The new video showcases the AutoStore ASRS in action at Alliance
Entertainment’s Shepherdsville, Kentucky warehouse fulfillment
center, which has a footprint of 873,000 square feet, including 3
picking mezzanines adding an additional 220,000 square feet to the
distance that needs to be covered daily for picking, sorting,
packing, and shipping. The warehouse has 33 million pieces of
inventory across more than 485,000 unique in stock SKUs.
The video is available on the Alliance
Entertainment website here.
Alliance Entertainment’s ASRS configuration includes AutoStore’s
latest generation B1™ robots combined with over 52,000 storage
bins, (each bin is configurable and can hold up to 8 unique SKUs
with a maximum weight of 66 lbs), covering 22,200 square feet of
the Company’s 873,000 square foot warehouse, enabling a pick rate
of 2,000 lines per hour across 7 picking ports and a putaway
throughput of 200 bins per hour.
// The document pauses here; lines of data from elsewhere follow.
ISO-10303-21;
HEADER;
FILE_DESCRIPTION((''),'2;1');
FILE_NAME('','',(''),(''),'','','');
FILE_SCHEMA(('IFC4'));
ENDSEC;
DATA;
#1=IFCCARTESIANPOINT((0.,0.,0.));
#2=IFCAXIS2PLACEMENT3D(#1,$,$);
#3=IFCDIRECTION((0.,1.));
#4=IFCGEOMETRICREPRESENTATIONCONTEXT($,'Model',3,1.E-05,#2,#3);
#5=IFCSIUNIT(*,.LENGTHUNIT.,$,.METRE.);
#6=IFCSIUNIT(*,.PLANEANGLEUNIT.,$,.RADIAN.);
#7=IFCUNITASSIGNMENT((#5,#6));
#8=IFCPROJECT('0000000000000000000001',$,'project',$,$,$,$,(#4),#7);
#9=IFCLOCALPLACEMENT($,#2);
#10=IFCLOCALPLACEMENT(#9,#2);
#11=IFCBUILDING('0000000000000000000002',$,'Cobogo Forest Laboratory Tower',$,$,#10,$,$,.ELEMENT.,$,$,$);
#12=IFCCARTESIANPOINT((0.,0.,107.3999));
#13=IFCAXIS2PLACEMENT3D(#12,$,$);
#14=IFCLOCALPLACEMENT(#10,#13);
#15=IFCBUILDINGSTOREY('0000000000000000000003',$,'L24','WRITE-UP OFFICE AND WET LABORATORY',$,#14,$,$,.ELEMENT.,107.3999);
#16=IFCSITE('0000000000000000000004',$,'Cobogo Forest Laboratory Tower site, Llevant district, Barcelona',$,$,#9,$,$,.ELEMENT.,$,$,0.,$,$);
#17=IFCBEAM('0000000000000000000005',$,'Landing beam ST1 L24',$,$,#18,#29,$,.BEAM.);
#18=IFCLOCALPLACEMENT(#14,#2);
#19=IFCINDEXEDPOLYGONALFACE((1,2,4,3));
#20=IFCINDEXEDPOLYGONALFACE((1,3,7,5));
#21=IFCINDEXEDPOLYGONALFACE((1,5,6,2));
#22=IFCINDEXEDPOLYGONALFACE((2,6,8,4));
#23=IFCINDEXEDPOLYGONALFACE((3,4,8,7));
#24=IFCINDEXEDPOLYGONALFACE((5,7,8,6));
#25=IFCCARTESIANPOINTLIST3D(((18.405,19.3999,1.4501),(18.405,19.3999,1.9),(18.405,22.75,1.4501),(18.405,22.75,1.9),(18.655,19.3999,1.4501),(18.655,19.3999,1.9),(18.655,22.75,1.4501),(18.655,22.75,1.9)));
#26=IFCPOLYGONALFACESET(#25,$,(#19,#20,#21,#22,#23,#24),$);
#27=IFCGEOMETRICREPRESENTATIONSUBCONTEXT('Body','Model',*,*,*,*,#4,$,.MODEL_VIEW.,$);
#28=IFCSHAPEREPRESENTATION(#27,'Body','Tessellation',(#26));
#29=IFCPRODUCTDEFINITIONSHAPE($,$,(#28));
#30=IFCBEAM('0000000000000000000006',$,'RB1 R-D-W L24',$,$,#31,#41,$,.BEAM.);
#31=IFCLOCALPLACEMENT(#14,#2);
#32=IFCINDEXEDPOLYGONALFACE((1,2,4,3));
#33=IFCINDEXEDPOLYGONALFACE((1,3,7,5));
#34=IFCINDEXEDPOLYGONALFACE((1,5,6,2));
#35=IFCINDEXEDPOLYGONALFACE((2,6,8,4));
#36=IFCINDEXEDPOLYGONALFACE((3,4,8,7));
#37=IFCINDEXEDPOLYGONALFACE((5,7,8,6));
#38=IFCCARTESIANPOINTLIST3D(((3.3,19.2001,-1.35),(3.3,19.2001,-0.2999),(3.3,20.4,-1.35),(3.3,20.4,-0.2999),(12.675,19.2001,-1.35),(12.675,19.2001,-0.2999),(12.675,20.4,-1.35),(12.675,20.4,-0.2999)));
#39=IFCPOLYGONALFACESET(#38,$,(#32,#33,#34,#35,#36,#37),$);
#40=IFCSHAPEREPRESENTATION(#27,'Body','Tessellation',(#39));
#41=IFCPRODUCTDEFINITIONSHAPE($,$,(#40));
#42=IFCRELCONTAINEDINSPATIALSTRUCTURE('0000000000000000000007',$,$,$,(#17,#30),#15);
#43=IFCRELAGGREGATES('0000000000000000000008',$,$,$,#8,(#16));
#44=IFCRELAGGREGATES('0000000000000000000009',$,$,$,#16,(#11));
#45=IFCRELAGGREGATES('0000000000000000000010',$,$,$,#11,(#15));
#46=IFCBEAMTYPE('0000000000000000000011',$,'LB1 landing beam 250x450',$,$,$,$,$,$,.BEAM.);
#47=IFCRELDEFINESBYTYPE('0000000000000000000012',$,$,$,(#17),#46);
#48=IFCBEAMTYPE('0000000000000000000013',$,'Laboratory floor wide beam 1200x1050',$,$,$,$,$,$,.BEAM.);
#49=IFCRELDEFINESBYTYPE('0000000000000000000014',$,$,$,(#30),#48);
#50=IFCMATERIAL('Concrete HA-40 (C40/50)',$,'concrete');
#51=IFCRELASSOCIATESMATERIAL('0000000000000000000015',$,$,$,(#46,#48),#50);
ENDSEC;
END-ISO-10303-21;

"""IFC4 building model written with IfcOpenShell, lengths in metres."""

from ifc_helpers import new_model, si_unit, direction, frame, origin, origin_2d, place, context, subcontext, project, spatial, rectangle, extrude, material, material_profile, profile_set, type_object, element, save


model = new_model("IFC4")

# Units and contexts
model_context = context("Model", 3, precision=1e-05, world=origin(), true_north=direction((0.0, 1.0)))
body_context = subcontext(model_context, "Body", "Model", "MODEL_VIEW")
ifc_project = project(units=[si_unit("LENGTHUNIT", "METRE"), si_unit("PLANEANGLEUNIT", "RADIAN")], contexts=[model_context])

# Site, building, storey
site_placement = place(None, origin())
site = spatial("IfcSite", under=ifc_project, at=site_placement, Name="Cobogo Forest Laboratory Tower site, Llevant district, Barcelona", CompositionType="ELEMENT", RefElevation=0.0)
building_placement = place(site_placement, origin())
building = spatial("IfcBuilding", under=site, at=building_placement, Name="Cobogo Forest Laboratory Tower", CompositionType="ELEMENT")
storey_placement = place(building_placement, frame((0.0, 0.0, 107.3999)))
storey = spatial("IfcBuildingStorey", under=building, at=storey_placement, Name="L24", Description="WRITE-UP OFFICE AND WET LABORATORY", CompositionType="ELEMENT", Elevation=107.3999)

# Beams
ifc_material_1 = material(Name="Concrete HA-40 (C40/50)", Category="concrete")
ifc_material_profile_1 = material_profile(ifc_material_1, rectangle(XDim=0.25, YDim=0.45, at=origin_2d()), Name="RC 250x450")
ifc_profile_set_1 = profile_set([ifc_material_profile_1], Name="Concrete HA-40 (C40/50)")
beam_type_1 = type_object("IfcBeamType", Name="LB1 landing beam 250x450", PredefinedType="BEAM", material=ifc_profile_set_1)
beam_1_placement = place(storey_placement, frame((18.53, 19.3999, 1.675), z_axis=(0.0, 1.0, 0.0), x_axis=(-1.0, 0.0, 0.0)))
element("IfcBeam", 1, at=beam_1_placement, inside=storey, type_object=beam_type_1, Name="Landing beam ST1 L24", PredefinedType="BEAM", context=body_context, shape_type="SweptSolid", body=[
    extrude(rectangle(XDim=0.25, YDim=0.45, at=origin_2d()), origin(), (0.0, 0.0, 1.0), 3.3501),
])
ifc_material_profile_2 = material_profile(ifc_material_1, rectangle(XDim=1.2, YDim=1.05, at=origin_2d()), Name="RC 1200x1050")
ifc_profile_set_2 = profile_set([ifc_material_profile_2], Name="Concrete HA-40 (C40/50)")
beam_type_2 = type_object("IfcBeamType", Name="Laboratory floor wide beam 1200x1050", PredefinedType="BEAM", material=ifc_profile_set_2)
beam_2_placement = place(storey_placement, frame((12.675, 19.8, -0.825), z_axis=(-1.0, 0.0, 0.0), x_axis=(0.0, -1.0, 0.0)))
element("IfcBeam", 2, at=beam_2_placement, inside=storey, type_object=beam_type_2, Name="RB1 R-D-W L24", PredefinedType="BEAM", context=body_context, shape_type="SweptSolid", body=[
    extrude(rectangle(XDim=1.2, YDim=1.05, at=origin_2d()), origin(), (0.0, 0.0, 1.0), 9.375),
])

save(model, "model.ifc")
For additional future capacity,
the ASRS has been designed to be able to add 2 additional
pick-ports as well as expand the number of Putaway ports from 4 to
8 without modifying the physical frame or stopping production.
Under the terms of the contract, Alliance Entertainment executed
a four-year lease for the ASRS. The AutoStore is calculated to have
a 3.5 year ROI, with the majority coming from labor savings, lower
training costs, reduced handling/sortation and creating capacity on
sortation for other product lines and ultimately speeding up the
delivery to customer.
“With our incredible growth in Vinyl shipments at our Kentucky
warehouse from 8.1 million units in 2019 to 16.3 million in 2021,
we needed a system that could reduce the distance walked to pick
product, to store in a more compact form, and reduce the amount of
labor needed to handle the product,” said Warwick Goldby, SVP of
Operations of Alliance Entertainment. “We now have over 3 million
units and 40,000 Vinyl Record titles in inventory, including both
Alliance inventory and AMPED distributed titles. In combination
with the growth of shipments, since the pandemic we recognized the
need to shift toward larger scale automation as warehouses have had
to adapt to the challenge of staffing and executing the workload
with limited resources in ever tightening delivery time frames.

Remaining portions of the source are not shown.